L’été est enfin arrivé.
C’est une belle fin d’après-midi. Le soleil pose de longues ombres sur les murs du bâtiment principal et fait ressortir les silhouettes altières des peupliers qui bordent l’allée de terre battue. Je suis assise sur un banc, absorbée à tresser des pâquerettes en essayant de calmer mes nerfs mis à rude épreuve par les surveillantes qui ont fouillé le colis que ma tante Zénobie m'a envoyé, saccageant impunément des choses fragiles. Je ligote les délicates fleurettes en imaginant les étrangler toutes autant qu'elles sont. Je suis en train d’achever de tout broyer dans ma paume, lorsque je vois la fille sortir de la bibliothèque et remonter l’allée, ses brodequins soulevant des fantômes de poussière derrière ses pas indolents. Je lève légèrement le bras pour attirer son attention. « Ne jamais effrayer un petit animal farouche au bord de son terrier, dit monsieur Boquillon. Elle se fige. Longtemps. Je ne bouge pas. Elle bifurque vers moi et s'assoit au bout du banc.
— Louise Vandenbussche, dis-je en tendant ma main.
Elle la serre mais ne dit rien. Elle sort une cigarette toute tordue de sa blouse et l'allume.
— Parle.
Interloquée, je la dévisage. Elle demeure impassible, la fumée de sa cigarette s'échappe de son nez en nuages hermétiques. Si je veux parler ? Oui, mais pour dire quoi ?  
En cours de français, Sœur Madeleine nous a appris que les mots véhiculaient le langage de la pensée, mais qu’ils mourraient aussi de se taire. Alors j’entreprends de lui raconter ma courte et piteuse vie. Les mots jaillissent comme l’eau d’un bief éventré, je n'ai aucune prise sur eux. J’imagine que cela ne doit avoir ni queue ni tête, pourtant pas une seule fois elle ne me coupe. Elle tète sa cigarette en m’observant sans ciller. Dans cet impénétrable regard, je trouve une invitation qui m’encourage à poursuivre ma laborieuse biographie. Elle est encore loin d'être achevée lorsque la cloche du réfectoire retentit. La fille se lève.
— Apolline, dit-elle. Chambre 302, après le couvre-feu.
Elle s'en va, me laissant aussi perplexe que confuse. Je crois que cette mystérieuse fille vient de gâcher ma précieuse solitude et pourtant je lui en sais gré.
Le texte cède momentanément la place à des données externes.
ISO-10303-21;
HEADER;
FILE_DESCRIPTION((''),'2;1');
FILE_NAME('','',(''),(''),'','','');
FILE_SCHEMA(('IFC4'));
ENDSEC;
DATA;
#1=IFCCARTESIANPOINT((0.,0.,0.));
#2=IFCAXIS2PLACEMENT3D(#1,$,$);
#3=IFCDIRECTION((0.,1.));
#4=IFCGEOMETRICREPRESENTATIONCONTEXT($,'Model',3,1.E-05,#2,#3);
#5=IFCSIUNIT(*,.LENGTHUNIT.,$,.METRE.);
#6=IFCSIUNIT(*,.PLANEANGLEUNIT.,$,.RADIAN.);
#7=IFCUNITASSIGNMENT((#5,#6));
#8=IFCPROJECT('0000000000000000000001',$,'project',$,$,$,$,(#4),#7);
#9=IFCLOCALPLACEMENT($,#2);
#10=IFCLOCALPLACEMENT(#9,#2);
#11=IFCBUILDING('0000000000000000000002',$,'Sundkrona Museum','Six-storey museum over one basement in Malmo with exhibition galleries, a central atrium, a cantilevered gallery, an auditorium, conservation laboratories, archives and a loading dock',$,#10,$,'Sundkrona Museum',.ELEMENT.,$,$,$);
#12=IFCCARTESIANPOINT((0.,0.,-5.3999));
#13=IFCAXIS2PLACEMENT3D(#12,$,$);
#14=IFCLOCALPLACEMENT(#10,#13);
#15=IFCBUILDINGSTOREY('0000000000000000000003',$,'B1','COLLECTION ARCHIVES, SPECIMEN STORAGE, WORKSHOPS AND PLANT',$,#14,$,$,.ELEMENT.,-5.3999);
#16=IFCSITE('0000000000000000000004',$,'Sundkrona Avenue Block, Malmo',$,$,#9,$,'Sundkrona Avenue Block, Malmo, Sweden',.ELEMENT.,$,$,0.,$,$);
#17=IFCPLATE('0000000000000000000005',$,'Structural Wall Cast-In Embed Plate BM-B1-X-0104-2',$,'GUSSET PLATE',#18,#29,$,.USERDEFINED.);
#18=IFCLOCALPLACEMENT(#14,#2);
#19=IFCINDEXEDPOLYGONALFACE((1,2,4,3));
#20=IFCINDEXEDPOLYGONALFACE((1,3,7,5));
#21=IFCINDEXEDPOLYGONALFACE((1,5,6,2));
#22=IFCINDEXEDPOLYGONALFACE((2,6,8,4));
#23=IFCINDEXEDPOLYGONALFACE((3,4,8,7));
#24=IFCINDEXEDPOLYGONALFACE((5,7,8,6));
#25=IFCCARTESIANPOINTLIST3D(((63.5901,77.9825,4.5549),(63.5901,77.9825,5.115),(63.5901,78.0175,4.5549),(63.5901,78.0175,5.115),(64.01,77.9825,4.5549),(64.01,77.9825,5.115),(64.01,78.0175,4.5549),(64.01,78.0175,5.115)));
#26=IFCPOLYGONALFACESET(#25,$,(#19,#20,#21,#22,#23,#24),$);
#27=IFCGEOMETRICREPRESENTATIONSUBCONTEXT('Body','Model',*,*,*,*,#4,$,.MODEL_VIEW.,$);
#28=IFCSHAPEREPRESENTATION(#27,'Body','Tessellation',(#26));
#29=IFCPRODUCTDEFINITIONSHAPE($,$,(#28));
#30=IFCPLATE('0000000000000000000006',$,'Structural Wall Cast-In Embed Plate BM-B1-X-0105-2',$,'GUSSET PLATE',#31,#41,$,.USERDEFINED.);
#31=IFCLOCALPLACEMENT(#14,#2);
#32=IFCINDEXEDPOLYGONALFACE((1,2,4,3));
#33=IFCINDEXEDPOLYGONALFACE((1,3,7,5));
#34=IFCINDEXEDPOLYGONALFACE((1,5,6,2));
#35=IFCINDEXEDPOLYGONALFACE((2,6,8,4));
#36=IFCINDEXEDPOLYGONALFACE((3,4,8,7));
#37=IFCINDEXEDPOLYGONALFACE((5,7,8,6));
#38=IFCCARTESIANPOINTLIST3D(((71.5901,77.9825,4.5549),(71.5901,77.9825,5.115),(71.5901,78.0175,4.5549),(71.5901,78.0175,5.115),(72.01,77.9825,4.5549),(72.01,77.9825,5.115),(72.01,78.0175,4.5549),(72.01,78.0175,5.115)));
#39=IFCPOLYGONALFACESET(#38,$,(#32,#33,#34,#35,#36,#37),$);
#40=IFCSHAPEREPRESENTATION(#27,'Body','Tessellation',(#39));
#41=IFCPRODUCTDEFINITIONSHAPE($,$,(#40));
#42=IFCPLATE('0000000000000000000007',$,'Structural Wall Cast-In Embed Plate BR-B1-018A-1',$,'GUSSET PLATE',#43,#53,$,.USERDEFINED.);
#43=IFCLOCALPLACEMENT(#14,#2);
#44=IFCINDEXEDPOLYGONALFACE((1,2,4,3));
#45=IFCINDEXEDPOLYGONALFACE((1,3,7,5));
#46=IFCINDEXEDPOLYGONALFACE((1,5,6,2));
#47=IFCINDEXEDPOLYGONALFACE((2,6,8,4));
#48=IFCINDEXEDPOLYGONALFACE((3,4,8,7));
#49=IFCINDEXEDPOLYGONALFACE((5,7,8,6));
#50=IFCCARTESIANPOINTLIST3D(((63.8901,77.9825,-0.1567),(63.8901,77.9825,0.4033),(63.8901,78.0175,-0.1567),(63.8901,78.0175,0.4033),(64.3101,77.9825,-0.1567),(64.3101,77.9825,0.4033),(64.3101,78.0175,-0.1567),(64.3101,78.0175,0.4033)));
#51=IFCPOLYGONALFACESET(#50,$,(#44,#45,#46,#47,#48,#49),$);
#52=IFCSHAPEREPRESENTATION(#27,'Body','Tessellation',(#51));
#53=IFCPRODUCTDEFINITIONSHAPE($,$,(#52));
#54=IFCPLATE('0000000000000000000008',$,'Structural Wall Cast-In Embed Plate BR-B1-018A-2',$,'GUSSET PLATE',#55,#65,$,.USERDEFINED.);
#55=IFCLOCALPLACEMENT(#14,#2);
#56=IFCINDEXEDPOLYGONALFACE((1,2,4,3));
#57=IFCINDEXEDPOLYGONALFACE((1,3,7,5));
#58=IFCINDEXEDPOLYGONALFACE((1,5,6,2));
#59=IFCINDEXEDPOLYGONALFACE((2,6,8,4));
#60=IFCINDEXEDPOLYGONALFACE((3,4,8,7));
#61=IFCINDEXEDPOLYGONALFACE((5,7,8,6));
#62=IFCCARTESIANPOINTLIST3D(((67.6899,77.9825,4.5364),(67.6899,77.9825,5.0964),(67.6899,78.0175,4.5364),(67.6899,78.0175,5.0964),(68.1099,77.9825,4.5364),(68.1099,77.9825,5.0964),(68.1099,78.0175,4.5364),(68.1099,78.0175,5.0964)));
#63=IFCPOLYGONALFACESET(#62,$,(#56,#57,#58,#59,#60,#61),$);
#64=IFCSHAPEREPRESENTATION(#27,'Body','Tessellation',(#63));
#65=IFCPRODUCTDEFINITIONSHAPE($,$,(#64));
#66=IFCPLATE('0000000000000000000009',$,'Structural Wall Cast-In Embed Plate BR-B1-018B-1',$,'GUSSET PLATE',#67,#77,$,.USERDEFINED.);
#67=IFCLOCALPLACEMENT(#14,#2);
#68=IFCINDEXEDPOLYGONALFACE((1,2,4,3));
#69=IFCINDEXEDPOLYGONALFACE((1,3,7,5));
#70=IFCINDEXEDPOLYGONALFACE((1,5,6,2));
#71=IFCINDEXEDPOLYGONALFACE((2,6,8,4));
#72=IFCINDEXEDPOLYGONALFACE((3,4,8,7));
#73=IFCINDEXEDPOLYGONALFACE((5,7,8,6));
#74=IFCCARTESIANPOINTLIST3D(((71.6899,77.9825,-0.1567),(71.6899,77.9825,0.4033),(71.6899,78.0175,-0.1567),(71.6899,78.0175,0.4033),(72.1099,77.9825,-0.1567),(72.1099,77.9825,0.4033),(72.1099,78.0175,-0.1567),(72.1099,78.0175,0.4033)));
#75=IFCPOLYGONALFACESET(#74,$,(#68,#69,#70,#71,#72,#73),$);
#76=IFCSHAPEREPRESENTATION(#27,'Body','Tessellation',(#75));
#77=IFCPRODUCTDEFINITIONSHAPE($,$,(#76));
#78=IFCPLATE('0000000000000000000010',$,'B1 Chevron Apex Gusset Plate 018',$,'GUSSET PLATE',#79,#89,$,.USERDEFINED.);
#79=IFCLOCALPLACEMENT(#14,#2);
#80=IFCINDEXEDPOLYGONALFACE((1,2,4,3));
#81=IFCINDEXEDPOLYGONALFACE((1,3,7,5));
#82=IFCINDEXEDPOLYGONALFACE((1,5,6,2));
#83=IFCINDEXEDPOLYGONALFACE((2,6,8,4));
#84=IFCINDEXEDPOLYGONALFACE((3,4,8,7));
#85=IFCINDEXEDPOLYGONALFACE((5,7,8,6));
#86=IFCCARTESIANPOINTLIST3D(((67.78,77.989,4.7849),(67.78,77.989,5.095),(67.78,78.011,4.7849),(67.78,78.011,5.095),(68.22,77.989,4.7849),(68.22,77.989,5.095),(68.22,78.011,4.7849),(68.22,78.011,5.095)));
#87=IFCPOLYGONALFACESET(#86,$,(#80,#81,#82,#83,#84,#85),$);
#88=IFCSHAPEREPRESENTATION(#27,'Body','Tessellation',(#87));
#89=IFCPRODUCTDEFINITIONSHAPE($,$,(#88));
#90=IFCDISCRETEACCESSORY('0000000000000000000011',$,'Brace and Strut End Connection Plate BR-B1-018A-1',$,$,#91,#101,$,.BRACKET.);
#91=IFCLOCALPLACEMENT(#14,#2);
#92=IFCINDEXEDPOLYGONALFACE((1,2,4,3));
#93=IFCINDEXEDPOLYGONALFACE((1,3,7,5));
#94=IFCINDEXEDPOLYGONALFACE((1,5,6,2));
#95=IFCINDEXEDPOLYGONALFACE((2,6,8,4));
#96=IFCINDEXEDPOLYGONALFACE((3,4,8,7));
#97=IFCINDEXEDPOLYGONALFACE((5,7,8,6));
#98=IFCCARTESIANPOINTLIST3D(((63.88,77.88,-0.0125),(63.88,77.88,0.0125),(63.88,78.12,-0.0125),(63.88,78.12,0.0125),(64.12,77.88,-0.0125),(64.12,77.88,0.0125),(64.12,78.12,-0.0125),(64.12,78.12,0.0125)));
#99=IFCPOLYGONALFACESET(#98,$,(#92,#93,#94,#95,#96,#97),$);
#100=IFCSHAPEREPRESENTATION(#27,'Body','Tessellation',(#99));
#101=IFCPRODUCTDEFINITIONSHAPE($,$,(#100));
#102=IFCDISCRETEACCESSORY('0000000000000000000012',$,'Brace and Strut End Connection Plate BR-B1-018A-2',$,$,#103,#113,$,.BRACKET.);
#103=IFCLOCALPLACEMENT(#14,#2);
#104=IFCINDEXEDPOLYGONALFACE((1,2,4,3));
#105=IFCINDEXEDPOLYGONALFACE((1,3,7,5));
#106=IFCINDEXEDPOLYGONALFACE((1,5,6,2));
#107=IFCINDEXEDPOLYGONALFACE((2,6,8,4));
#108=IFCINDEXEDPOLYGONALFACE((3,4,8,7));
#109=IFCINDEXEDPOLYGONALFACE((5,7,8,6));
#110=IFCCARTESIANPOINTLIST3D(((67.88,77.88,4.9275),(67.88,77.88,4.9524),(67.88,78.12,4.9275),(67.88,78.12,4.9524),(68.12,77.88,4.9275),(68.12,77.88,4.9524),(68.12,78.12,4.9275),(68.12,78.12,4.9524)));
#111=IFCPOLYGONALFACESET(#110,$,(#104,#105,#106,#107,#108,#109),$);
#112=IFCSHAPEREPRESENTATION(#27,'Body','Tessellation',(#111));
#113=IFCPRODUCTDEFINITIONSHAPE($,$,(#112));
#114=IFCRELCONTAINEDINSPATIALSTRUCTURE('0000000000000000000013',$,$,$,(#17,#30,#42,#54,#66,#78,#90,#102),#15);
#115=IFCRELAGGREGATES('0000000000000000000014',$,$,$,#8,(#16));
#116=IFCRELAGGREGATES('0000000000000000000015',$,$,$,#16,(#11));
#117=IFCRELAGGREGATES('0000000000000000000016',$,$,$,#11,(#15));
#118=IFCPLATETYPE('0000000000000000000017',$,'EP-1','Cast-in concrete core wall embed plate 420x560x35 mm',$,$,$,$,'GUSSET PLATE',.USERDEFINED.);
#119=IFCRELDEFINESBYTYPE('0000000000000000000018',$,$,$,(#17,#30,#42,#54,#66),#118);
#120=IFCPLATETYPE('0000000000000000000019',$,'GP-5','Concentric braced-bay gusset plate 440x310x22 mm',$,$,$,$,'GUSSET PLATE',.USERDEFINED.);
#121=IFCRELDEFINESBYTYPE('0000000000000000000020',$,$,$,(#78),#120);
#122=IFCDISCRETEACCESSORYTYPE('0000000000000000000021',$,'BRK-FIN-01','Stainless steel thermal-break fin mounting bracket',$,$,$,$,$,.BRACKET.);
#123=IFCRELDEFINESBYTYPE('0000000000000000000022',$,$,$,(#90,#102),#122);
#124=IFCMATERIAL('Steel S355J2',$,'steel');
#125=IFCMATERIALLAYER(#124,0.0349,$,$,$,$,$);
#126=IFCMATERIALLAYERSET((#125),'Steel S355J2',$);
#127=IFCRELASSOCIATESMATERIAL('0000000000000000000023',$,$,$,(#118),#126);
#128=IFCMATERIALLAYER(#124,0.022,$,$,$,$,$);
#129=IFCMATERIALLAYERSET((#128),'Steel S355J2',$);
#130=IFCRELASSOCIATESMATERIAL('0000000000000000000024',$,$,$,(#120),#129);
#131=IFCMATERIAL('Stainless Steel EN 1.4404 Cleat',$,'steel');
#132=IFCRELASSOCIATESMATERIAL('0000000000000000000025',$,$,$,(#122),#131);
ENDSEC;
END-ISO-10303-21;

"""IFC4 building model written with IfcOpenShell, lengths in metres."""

from ifc_helpers import new_model, si_unit, direction, frame, origin, origin_2d, place, context, subcontext, project, spatial, rectangle, extrude, material, layer, layer_set, type_object, element, save


model = new_model("IFC4")

# Units and contexts
model_context = context("Model", 3, precision=1e-05, world=origin(), true_north=direction((0.0, 1.0)))
body_context = subcontext(model_context, "Body", "Model", "MODEL_VIEW")
ifc_project = project(units=[si_unit("LENGTHUNIT", "METRE"), si_unit("PLANEANGLEUNIT", "RADIAN")], contexts=[model_context])

# Site, building, storey
site_placement = place(None, origin())
site = spatial("IfcSite", under=ifc_project, at=site_placement, Name="Sundkrona Avenue Block, Malmo", LongName="Sundkrona Avenue Block, Malmo, Sweden", CompositionType="ELEMENT", RefElevation=0.0)
building_placement = place(site_placement, origin())
building = spatial("IfcBuilding", under=site, at=building_placement, Name="Sundkrona Museum", Description="Six-storey museum over one basement in Malmo with exhibition galleries, a central atrium, a cantilevered gallery, an auditorium, conservation laboratories, archives and a loading dock", LongName="Sundkrona Museum", CompositionType="ELEMENT")
storey_placement = place(building_placement, frame((0.0, 0.0, -5.3999)))
storey = spatial("IfcBuildingStorey", under=building, at=storey_placement, Name="B1", Description="COLLECTION ARCHIVES, SPECIMEN STORAGE, WORKSHOPS AND PLANT", CompositionType="ELEMENT", Elevation=-5.3999)

# Shared definitions
ifc_material_1 = material(Name="Steel S355J2", Category="steel")

# Plates
ifc_layer_1 = layer(ifc_material_1, 0.0349)
ifc_layer_set_1 = layer_set([ifc_layer_1], Name="Steel S355J2")
plate_type_1 = type_object("IfcPlateType", Name="EP-1", Description="Cast-in concrete core wall embed plate 420x560x35 mm", ElementType="GUSSET PLATE", PredefinedType="USERDEFINED", material=ifc_layer_set_1)
for number, where, z_axis, x_axis, name in (
    (1, (63.8, 78.0, 4.5549), (0.0, 0.0, 1.0), (1.0, 0.0, 0.0), "Structural Wall Cast-In Embed Plate BM-B1-X-0104-2"),
    (2, (71.8, 78.0, 4.5549), (0.0, 0.0, 1.0), (1.0, 0.0, 0.0), "Structural Wall Cast-In Embed Plate BM-B1-X-0105-2"),
    (3, (64.1001, 78.0, -0.1567), (0.0, 0.0, 1.0), (1.0, 0.0, 0.0), "Structural Wall Cast-In Embed Plate BR-B1-018A-1"),
    (4, (67.8999, 78.0, 4.5364), (0.0, 0.0, 1.0), (1.0, 0.0, 0.0), "Structural Wall Cast-In Embed Plate BR-B1-018A-2"),
    (5, (71.8999, 78.0, -0.1567), (0.0, 0.0, 1.0), (1.0, 0.0, 0.0), "Structural Wall Cast-In Embed Plate BR-B1-018B-1"),
):
    element("IfcPlate", number, at=place(storey_placement, frame(where, z_axis=z_axis, x_axis=x_axis)), inside=storey, type_object=plate_type_1, Name=name, ObjectType="GUSSET PLATE", PredefinedType="USERDEFINED", context=body_context, shape_type="SweptSolid", body=[
        extrude(rectangle(XDim=0.4199, YDim=0.0349, at=origin_2d()), origin(), (0.0, 0.0, 1.0), 0.5601),
    ])
ifc_layer_2 = layer(ifc_material_1, 0.022)
ifc_layer_set_2 = layer_set([ifc_layer_2], Name="Steel S355J2")
plate_type_2 = type_object("IfcPlateType", Name="GP-5", Description="Concentric braced-bay gusset plate 440x310x22 mm", ElementType="GUSSET PLATE", PredefinedType="USERDEFINED", material=ifc_layer_set_2)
Tout en tournant ma cuillère de bois dans une soupe figée, après bien des tergiversations mentales, je finis par me décider. Je monte à pas de loup dans l’obscurité pour ne pas alerter la surveillante de nuit. Je me faufile jusqu’au second niveau du bâtiment dortoir, là où les filles réputées « difficiles » sont logées dans des chambres seules, pour aller doucement gratter à l’huis de la 302. Apolline entrebâille et me fait entrer en me signifiant de garder le silence. Tandis que je prends place au bout du lit, intimidée, elle allume une bougie et vient s’asseoir face à moi.
— Parle encore, mais doucement, la bécasse d’à-côté est une moucharde.
— Je ne peux m'empêcher de pouffer. Je crois que j'aime déjà ce parler sans détour. Je reprends l’histoire de ma vie où je l’avais laissée sur le banc. Apolline n’ouvre pas la bouche jusqu’à ce que je termine ma narration fort tard dans la nuit, les joues inondées. Toujours sans rien dire, elle me tend un mouchoir. J’essuie mes yeux. Le silence se fait dans la carrée. Puis elle se met à parler.

Elle a un drôle d’accent traînant, comme si les consonnes avaient pour charge de tirer les voyelles récalcitrantes sans y parvenir tout à fait. Quand je l’écoute, ça me donne l’impression de mordre dans une nourriture qui ne livre ses saveurs qu’après coup. J’aime ça. L’histoire de sa vie est bien pire que la mienne. Orpheline à cinq ans, battue par sa famille d'accueil, abusée sexuellement à onze, elle avait passé une partie de sa jeunesse dans les rues de Lille, se prostituant ou poussant la goualante pour quelques piécettes, jusqu'à ce qu'une bagarre entre apaches et argousins ne l'amène ici. Elle avait mordu et arraché la moitié de l'oreille d'un maréchal des logis.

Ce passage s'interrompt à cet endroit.